One step up from descriptive marks, but miles away as far as protectability goes, are suggestive marks. Suggestive marks are registrable on the Principal Register without proof of secondary meaning. Suggestive marks are those which, while not really descriptive of the product’s qualities, nevertheless, suggest some benefit or property of the product. An example involves ROACH MOTEL® for insect traps, in which this mark was enforced against an infringer using "Roach Inn." The Court explained,
We do not find the mark ROACH MOTEL® to be a merely descriptive mark. While roaches may live in some motels against the will of the owners, motels are surely not built for roaches to live in. Hence, the mark is fanciful on conception. Indeed its very incongruity is what catches one’s attention.
The determination of whether a mark is merely descriptive (and therefore not registrable absent evidence of secondary meaning) or merely suggestive has always been a challenging task.
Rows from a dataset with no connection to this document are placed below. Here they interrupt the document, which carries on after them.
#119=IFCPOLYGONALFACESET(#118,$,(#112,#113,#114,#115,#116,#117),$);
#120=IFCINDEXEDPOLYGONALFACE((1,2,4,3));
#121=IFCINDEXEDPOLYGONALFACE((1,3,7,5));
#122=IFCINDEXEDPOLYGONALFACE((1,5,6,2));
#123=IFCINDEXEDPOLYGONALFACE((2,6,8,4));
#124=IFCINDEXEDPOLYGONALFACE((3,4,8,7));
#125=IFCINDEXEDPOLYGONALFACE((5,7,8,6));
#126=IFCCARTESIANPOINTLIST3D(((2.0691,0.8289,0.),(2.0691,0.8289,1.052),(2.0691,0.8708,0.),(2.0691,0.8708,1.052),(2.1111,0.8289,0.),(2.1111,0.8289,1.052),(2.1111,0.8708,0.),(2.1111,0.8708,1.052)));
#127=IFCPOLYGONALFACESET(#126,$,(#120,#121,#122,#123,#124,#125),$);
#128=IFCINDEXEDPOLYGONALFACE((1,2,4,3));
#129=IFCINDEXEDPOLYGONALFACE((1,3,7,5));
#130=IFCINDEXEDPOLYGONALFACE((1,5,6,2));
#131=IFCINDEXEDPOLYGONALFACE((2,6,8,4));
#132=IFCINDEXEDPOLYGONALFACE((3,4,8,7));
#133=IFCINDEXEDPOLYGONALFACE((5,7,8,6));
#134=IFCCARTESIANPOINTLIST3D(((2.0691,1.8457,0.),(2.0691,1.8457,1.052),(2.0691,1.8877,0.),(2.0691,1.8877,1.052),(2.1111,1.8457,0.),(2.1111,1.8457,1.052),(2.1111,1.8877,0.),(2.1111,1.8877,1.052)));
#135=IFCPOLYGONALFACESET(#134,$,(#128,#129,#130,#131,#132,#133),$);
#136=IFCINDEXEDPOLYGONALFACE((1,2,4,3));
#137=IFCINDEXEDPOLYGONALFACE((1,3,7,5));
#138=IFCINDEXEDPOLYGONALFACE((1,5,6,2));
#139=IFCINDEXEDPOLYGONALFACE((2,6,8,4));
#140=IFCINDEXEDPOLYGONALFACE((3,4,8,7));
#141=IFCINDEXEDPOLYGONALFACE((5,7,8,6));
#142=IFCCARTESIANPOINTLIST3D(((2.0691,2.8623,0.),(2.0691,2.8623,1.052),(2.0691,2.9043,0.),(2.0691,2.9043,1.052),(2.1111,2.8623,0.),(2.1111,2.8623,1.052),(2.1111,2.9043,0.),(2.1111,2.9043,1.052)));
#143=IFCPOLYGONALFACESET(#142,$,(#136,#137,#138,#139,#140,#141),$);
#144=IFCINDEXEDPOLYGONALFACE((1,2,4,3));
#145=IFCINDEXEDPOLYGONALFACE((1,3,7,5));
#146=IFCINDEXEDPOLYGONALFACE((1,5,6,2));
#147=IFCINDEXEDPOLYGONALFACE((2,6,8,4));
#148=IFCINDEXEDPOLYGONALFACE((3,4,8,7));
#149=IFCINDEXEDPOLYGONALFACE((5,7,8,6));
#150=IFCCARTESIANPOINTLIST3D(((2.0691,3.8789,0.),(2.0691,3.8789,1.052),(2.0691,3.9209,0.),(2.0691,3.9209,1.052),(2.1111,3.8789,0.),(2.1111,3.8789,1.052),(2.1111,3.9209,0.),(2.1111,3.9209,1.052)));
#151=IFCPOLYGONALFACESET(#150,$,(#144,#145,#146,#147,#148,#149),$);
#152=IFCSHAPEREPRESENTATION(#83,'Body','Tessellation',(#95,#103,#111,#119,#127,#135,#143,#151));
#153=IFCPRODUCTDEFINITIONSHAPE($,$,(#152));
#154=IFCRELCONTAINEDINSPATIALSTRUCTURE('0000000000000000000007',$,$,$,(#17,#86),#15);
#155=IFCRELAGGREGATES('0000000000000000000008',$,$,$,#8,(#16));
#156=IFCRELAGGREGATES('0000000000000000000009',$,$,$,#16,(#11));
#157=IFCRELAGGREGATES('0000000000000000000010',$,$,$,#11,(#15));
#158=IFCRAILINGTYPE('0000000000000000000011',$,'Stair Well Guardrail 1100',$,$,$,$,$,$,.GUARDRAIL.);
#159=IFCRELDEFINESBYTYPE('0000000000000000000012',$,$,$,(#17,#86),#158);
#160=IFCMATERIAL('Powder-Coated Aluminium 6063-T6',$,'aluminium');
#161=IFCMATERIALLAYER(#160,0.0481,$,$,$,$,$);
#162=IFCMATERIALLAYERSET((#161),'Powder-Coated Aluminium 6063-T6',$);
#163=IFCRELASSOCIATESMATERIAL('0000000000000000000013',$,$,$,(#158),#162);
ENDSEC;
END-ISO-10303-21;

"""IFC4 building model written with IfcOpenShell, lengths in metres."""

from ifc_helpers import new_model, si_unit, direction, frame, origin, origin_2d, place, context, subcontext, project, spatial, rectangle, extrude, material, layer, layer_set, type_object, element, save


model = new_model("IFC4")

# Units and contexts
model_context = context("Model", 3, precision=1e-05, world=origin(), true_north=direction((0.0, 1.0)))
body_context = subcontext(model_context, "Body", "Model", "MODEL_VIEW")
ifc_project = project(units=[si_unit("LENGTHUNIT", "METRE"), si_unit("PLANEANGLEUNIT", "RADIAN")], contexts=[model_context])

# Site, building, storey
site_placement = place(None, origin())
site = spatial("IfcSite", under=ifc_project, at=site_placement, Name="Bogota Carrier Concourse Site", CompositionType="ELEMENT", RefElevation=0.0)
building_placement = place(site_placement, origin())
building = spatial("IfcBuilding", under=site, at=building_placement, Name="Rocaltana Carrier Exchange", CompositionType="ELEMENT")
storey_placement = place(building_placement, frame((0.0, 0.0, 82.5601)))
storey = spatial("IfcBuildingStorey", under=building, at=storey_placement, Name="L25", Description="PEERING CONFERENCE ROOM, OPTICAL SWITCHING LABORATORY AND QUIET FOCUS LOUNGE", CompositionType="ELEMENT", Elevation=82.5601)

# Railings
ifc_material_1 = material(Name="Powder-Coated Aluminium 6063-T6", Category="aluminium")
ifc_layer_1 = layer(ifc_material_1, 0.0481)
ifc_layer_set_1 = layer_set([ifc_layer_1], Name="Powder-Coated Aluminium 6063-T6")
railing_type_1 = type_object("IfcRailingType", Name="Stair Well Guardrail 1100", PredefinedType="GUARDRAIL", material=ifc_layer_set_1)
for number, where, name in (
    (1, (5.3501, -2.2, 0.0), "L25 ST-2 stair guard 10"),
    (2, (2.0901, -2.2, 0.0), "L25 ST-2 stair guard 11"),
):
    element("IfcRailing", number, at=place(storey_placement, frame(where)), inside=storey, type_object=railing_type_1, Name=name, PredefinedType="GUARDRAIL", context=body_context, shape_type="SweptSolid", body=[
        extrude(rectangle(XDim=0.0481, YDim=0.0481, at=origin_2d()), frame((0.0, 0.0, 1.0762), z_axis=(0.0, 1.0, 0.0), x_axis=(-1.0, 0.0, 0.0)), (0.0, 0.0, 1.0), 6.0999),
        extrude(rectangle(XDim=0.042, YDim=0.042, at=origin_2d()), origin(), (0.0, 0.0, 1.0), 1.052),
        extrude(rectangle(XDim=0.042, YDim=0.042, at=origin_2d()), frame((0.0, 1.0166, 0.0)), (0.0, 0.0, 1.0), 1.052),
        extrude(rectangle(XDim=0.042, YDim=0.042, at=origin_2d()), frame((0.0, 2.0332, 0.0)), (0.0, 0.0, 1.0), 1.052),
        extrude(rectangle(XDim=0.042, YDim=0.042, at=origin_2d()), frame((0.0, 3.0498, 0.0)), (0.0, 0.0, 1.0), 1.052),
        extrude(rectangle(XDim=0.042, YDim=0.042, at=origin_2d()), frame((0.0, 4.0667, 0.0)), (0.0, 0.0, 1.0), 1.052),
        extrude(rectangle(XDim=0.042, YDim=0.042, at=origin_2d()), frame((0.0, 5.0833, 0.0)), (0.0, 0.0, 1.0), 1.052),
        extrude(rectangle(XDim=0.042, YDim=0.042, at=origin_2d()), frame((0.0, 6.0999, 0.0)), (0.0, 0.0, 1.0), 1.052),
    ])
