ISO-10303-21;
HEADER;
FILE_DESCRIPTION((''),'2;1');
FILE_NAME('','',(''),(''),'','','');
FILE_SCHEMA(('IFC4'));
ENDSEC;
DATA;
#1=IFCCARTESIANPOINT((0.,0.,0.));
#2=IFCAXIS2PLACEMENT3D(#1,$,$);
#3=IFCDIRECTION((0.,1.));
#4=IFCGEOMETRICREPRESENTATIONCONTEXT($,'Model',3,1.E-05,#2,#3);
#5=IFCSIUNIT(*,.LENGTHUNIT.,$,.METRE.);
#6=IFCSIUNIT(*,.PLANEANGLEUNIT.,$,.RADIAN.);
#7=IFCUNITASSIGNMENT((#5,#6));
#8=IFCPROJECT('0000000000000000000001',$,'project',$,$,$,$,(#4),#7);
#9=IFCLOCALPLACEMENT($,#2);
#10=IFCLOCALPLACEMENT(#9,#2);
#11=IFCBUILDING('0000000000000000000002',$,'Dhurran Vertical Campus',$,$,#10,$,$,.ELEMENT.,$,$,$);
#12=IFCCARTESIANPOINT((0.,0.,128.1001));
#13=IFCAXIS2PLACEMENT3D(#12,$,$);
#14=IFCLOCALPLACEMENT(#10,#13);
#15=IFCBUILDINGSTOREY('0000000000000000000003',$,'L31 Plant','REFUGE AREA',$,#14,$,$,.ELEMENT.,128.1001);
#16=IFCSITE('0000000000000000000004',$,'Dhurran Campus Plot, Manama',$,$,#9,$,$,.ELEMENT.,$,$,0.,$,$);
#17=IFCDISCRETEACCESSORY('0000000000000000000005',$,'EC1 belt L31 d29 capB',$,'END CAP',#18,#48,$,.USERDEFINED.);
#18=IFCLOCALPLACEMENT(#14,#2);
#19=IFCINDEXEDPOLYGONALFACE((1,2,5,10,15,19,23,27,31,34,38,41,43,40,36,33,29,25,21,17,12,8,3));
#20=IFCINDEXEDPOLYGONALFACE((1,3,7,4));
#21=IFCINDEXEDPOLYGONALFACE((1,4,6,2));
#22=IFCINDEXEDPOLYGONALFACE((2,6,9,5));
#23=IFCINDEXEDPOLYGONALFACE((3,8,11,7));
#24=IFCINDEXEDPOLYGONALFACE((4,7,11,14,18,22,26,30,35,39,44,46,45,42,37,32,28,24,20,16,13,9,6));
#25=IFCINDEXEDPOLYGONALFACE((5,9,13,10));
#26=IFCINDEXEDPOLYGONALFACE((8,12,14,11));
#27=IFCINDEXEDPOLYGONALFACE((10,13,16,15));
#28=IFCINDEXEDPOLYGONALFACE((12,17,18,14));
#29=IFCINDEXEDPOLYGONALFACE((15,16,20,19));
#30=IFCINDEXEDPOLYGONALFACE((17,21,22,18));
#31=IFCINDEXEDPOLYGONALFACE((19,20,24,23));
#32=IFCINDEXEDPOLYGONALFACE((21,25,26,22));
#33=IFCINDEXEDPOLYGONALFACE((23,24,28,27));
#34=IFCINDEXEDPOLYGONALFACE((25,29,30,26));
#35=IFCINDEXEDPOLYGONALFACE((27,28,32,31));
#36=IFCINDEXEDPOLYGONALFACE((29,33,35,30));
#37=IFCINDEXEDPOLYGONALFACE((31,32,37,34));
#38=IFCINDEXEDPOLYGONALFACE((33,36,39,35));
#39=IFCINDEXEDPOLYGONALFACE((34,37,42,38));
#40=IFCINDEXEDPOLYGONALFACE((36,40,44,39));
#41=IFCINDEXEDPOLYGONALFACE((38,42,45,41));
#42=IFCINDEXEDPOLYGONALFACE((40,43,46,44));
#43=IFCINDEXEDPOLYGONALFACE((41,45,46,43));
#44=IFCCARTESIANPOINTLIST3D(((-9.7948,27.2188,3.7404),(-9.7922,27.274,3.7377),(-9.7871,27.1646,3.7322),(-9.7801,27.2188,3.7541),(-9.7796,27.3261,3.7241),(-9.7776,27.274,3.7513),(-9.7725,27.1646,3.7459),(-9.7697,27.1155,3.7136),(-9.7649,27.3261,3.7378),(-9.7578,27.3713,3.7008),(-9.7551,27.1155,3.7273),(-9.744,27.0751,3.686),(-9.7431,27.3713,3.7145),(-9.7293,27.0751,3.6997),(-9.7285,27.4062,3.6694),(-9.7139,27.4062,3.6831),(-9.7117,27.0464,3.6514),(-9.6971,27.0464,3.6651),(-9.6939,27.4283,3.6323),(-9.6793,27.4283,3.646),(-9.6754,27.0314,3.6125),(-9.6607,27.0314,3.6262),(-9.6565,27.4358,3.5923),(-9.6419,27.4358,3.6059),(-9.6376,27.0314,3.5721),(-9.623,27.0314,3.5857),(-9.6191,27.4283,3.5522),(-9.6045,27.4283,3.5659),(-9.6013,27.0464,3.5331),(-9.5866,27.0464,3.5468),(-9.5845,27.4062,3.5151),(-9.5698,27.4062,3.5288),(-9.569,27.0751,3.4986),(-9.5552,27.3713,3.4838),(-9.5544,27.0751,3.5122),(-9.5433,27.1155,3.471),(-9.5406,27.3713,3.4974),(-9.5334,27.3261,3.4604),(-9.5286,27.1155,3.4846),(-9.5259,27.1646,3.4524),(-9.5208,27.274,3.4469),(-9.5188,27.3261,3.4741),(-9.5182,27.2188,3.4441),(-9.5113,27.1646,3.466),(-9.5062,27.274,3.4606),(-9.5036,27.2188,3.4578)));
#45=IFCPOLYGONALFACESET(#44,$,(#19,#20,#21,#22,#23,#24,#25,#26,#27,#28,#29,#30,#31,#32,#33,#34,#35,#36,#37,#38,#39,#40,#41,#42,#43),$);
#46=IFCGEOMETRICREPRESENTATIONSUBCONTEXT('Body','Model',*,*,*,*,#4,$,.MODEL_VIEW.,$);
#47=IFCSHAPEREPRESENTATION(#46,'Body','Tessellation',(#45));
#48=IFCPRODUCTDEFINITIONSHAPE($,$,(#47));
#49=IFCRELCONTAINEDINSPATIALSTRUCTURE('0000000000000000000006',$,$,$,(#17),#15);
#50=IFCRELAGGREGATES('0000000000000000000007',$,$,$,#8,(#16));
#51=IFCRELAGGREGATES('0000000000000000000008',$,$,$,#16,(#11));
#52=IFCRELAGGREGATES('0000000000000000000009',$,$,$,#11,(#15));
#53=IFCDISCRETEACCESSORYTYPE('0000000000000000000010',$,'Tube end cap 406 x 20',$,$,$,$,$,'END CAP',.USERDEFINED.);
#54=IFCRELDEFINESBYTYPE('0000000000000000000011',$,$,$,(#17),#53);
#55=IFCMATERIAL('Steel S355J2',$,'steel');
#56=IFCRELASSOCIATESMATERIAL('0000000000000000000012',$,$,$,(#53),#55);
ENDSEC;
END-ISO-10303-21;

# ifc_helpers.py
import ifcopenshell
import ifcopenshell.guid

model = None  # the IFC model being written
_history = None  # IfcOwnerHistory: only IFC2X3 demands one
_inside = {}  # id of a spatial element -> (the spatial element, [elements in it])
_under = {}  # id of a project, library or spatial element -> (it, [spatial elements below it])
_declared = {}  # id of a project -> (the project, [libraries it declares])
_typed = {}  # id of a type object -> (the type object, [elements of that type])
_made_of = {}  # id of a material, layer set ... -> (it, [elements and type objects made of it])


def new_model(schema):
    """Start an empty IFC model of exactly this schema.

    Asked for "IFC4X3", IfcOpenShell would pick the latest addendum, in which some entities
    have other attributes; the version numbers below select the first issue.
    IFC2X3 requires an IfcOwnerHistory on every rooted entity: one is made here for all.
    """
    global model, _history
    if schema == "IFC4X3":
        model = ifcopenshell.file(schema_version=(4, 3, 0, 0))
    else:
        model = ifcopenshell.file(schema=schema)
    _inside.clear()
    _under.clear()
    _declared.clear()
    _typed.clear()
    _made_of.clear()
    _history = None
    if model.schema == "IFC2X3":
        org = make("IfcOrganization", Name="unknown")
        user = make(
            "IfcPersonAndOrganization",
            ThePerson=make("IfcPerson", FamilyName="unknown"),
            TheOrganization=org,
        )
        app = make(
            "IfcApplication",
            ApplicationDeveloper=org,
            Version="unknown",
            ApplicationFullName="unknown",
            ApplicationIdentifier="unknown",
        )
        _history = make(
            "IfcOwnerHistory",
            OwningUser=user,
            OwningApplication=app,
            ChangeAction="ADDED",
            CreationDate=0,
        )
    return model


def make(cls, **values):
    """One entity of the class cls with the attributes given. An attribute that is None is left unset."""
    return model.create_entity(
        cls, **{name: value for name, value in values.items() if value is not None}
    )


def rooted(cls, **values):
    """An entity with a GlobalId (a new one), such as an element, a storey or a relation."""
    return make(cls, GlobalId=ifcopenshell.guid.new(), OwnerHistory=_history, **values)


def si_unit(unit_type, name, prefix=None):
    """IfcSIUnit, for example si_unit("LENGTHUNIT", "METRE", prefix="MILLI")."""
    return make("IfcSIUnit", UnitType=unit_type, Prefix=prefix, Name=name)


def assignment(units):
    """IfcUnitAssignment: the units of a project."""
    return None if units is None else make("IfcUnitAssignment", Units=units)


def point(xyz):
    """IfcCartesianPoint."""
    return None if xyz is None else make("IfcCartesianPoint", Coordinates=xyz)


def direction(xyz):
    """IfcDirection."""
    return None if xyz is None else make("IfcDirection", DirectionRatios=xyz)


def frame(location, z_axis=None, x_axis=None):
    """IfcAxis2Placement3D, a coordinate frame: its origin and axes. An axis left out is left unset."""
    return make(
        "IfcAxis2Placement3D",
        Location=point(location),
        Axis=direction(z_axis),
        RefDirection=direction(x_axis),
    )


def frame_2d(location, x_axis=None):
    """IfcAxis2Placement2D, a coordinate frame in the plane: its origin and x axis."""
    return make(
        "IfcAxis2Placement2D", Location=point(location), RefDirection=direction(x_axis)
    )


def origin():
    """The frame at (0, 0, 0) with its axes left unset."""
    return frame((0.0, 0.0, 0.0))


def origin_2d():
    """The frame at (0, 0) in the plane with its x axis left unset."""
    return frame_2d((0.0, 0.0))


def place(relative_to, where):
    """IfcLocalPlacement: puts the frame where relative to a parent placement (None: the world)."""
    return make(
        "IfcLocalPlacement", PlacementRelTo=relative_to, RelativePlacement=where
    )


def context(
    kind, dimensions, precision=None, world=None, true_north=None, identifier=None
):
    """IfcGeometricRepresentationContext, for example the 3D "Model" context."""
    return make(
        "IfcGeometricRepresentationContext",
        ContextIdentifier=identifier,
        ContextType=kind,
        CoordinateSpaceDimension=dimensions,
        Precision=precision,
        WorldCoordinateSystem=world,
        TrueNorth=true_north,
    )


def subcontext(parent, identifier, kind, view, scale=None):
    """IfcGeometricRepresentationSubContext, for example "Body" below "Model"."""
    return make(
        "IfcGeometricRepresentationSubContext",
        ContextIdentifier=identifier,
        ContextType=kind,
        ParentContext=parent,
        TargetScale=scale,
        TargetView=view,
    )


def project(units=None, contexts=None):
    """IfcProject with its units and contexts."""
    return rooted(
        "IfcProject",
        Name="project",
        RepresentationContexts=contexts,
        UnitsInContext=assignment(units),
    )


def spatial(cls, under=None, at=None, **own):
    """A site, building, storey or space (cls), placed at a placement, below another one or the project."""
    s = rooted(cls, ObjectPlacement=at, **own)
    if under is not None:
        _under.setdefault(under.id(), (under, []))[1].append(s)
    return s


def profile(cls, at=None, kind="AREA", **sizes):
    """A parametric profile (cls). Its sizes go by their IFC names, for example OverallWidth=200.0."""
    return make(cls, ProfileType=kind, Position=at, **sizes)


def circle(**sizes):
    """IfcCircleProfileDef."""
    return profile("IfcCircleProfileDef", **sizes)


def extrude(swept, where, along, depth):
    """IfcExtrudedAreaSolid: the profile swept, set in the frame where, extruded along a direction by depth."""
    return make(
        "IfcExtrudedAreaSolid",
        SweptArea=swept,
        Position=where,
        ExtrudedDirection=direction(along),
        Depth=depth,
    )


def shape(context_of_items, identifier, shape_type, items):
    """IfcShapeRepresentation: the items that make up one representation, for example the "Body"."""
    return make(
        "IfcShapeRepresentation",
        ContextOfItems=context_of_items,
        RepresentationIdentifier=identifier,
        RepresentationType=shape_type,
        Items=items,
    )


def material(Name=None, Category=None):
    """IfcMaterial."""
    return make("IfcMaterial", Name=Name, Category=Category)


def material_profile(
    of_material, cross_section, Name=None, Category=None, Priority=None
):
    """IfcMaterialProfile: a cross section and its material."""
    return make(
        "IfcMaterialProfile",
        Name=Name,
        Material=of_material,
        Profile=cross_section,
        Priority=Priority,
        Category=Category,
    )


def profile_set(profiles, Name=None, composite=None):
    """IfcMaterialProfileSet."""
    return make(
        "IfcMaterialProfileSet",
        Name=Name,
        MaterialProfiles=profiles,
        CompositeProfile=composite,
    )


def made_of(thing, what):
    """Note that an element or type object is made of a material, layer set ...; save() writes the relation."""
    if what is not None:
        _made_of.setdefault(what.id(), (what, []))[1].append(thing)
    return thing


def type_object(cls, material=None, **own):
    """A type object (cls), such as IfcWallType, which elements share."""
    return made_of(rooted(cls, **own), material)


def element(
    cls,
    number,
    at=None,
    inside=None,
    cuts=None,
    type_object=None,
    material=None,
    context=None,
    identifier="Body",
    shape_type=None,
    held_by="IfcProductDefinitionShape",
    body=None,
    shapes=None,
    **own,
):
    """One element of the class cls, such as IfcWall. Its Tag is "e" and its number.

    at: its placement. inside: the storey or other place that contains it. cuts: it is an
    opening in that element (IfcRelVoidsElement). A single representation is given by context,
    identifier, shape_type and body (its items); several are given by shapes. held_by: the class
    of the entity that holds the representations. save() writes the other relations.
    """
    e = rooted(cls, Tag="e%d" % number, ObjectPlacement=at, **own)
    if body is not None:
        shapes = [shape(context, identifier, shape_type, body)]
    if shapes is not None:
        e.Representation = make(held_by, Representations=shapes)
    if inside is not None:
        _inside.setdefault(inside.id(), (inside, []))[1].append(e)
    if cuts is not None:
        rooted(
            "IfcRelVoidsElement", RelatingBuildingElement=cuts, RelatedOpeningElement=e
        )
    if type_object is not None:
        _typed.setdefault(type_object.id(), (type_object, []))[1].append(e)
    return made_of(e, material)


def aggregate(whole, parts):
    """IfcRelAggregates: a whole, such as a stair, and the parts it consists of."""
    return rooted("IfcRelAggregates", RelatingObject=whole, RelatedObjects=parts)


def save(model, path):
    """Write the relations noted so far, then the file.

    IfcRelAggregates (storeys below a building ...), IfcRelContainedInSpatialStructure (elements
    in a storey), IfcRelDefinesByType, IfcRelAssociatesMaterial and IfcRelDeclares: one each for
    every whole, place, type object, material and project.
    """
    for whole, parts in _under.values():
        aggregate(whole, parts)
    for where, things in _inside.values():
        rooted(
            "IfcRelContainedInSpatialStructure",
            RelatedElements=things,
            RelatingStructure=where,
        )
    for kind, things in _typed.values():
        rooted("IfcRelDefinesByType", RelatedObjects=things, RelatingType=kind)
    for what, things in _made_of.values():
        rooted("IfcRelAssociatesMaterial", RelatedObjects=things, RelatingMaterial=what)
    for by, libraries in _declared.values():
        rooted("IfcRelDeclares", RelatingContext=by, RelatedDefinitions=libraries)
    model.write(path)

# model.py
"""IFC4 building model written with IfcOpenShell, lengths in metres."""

from ifc_helpers import new_model, si_unit, direction, frame, origin, origin_2d, place, context, subcontext, project, spatial, circle, extrude, material, material_profile, profile_set, type_object, element, save


model = new_model("IFC4")

# Units and contexts
model_context = context("Model", 3, precision=1e-05, world=origin(), true_north=direction((0.0, 1.0)))
body_context = subcontext(model_context, "Body", "Model", "MODEL_VIEW")
ifc_project = project(units=[si_unit("LENGTHUNIT", "METRE"), si_unit("PLANEANGLEUNIT", "RADIAN")], contexts=[model_context])

# Site, building, storey
site_placement = place(None, origin())
site = spatial("IfcSite", under=ifc_project, at=site_placement, Name="Dhurran Campus Plot, Manama", CompositionType="ELEMENT", RefElevation=0.0)
building_placement = place(site_placement, origin())
building = spatial("IfcBuilding", under=site, at=building_placement, Name="Dhurran Vertical Campus", CompositionType="ELEMENT")
storey_placement = place(building_placement, frame((0.0, 0.0, 128.1001)))
storey = spatial("IfcBuildingStorey", under=building, at=storey_placement, Name="L31 Plant", Description="REFUGE AREA", CompositionType="ELEMENT", Elevation=128.1001)

# Discrete accessory
ifc_material_1 = material(Name="Steel S355J2", Category="steel")
ifc_material_profile_1 = material_profile(ifc_material_1, circle(Radius=0.2031, at=origin_2d()), Name="Tube end cap 406 x 20")
ifc_profile_set_1 = profile_set([ifc_material_profile_1], Name="Steel S355J2")
discrete_accessory_type = type_object("IfcDiscreteAccessoryType", Name="Tube end cap 406 x 20", ElementType="END CAP", PredefinedType="USERDEFINED", material=ifc_profile_set_1)
for number, where, z_axis, x_axis, name in (
    (1, (-9.6565, 27.2327, 3.5923), (0.731055, 0.0, 0.682318), (0.0, 1.0, 0.0), "EC1 belt L31 d29 capB"),
):
    element("IfcDiscreteAccessory", number, at=place(storey_placement, frame(where, z_axis=z_axis, x_axis=x_axis)), inside=storey, type_object=discrete_accessory_type, Name=name, ObjectType="END CAP", PredefinedType="USERDEFINED", context=body_context, shape_type="SweptSolid", body=[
The Trademark Trial and Appeal Board has frequently stated that there is “a thin line of demarcation involved in making a determination as to whether a term or slogan is suggestive or merely descriptive and, apropos, thereto, when a term stops suggesting and begins to describe the goods in connection with which it is used, it is, at times, a difficult question to resolve.” The Board has suggested that in determining whether a mark has crossed the threshold from suggestiveness to descriptiveness, the following factors should be analyzed: (1) is the mark used in a trademark sense and not in a descriptive manner to describe the goods; (2) is the mark an expression that would be or is commonly used to describe the goods; (3) does the mark possess some degree of ingenuity in its phraseology; (4) does the mark say something at least a little different from what might be expected from a product, or say expected things in an unexpected way; and (5) does the mark possess more than a single meaning, namely, a double-entendre, which imparts to it a degree of ingenuity and successfully masks or somewhat obscures the intended commercial message.
So is “Breastaurant” merely descriptive? While it is always a fine line between merely descriptive and highly suggestive, there are significant indicators that Breastaurant is a merely descriptive term. First, the applicant’s own specimen shows the use of the mark within a website page which states as follows: “How America’s Only Sports Breastaurant got started.” The proper use of a trademark means using the mark as an adjective, not as a noun or a verb. . Here it appears that the applicant has used the mark as a term for a specific type of restaurant and not in reference to the applicant’s own restaurant. Next, the fact that Wikipedia and other online sources use the term to identify a certain type of restaurant whose female servers have certain attributes shows that the mark is an expression that is commonly used to describe a particular type of restaurant. Although the mark possesses a degree of ingenuity in its phraseology, it does not obscure in any way the intended commercial message.
It will be interesting to see what steps, if any Bikini Bar and Restaurant will take to enforce its trademark rights. Other operators of these types of restaurants do not seem to be using this term at all, but are more focused on growing their core brands. One never knows though. Bikini Bar and Restaurant garnered significant free publicity and press coverage with the announcement of the registration of its mark. Imagine what press coverage a cancellation proceeding would garner.